LAC : LSTM AUTOENCODER with Community for Insider Threat Detection

The employees of any organization, institute, or industry, spend a significant amount of time on a computer network, where they develop their own routine of activities in the form of network transactions over a time period. Insider threat detection involves identifying deviations in the routines or anomalies which may cause harm to the organization in the form of data leaks and secrets sharing. If not automated, this process involves feature engineering for modeling human behavior which is a tedious and time-consuming task. Anomalies in human behavior are forwarded to a human analyst for final threat classification. We developed an unsupervised deep neural network model using LSTM AUTOENCODER which learns to mimic the behavior of individual employees from their day-wise time-stamped sequence of activities. It predicts the threat scenario via significant loss from anomalous routine.

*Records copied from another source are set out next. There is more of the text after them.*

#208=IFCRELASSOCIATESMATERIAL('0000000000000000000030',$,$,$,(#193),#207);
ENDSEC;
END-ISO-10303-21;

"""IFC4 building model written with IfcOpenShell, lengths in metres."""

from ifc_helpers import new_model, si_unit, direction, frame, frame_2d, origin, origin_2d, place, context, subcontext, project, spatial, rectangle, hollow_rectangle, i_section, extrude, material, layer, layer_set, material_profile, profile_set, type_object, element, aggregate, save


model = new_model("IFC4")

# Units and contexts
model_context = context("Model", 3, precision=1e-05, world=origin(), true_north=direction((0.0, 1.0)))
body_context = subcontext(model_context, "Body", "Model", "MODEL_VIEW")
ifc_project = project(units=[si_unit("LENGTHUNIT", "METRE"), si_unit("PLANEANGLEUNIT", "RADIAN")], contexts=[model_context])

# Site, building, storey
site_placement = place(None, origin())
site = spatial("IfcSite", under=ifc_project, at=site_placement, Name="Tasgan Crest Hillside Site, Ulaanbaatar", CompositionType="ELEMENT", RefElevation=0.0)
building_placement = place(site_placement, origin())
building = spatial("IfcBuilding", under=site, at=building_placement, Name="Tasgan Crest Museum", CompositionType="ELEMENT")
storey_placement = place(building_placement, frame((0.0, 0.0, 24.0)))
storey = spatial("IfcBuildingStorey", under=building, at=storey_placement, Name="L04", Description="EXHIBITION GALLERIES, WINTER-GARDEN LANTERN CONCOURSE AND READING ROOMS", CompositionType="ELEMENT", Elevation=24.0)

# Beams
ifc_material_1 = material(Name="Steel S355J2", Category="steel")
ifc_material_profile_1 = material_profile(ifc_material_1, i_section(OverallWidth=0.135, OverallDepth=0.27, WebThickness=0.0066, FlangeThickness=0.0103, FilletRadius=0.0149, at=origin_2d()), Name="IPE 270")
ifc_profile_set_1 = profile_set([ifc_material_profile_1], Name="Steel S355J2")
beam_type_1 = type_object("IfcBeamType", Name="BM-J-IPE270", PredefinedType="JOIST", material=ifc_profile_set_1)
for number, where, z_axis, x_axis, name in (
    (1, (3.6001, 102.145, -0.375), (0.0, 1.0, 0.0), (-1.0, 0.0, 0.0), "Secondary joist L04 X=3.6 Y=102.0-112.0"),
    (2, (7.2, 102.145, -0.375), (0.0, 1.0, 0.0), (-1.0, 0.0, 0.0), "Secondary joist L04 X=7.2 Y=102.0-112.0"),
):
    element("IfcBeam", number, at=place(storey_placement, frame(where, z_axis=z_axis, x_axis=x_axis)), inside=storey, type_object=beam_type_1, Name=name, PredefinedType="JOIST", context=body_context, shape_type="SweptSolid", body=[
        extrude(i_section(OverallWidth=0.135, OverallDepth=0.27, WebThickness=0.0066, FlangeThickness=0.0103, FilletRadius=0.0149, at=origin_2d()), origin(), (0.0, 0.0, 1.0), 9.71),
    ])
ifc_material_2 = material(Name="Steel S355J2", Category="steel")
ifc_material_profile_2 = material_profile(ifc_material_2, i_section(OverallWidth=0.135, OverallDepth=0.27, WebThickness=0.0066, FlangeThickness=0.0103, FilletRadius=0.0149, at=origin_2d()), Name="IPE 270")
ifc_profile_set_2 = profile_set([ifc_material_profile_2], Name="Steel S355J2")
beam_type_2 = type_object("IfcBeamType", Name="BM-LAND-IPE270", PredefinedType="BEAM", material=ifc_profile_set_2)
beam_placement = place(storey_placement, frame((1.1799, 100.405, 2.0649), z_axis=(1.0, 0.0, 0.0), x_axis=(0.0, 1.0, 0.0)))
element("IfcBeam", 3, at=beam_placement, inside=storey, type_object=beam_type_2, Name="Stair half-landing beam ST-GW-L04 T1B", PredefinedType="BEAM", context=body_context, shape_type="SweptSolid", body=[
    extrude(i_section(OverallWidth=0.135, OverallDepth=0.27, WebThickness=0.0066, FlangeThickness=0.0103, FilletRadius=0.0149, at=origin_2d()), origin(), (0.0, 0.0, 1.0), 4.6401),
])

Employees in a community tend to align their routine with each other rather than the employees outside their communities, this motivates us to explore a variation of the AUTOENCODER, LSTM AUTOENCODER- trained on the interleaved sequences of activities in the Community (LAC). We evaluate the model on the CERT v6.2 dataset and perform analysis on the loss for normal and anomalous routine across 4000 employees. The aim of our paper is to detect the anomalous employees as well as to explore how the surrounding employees are affecting that employees' routine over time.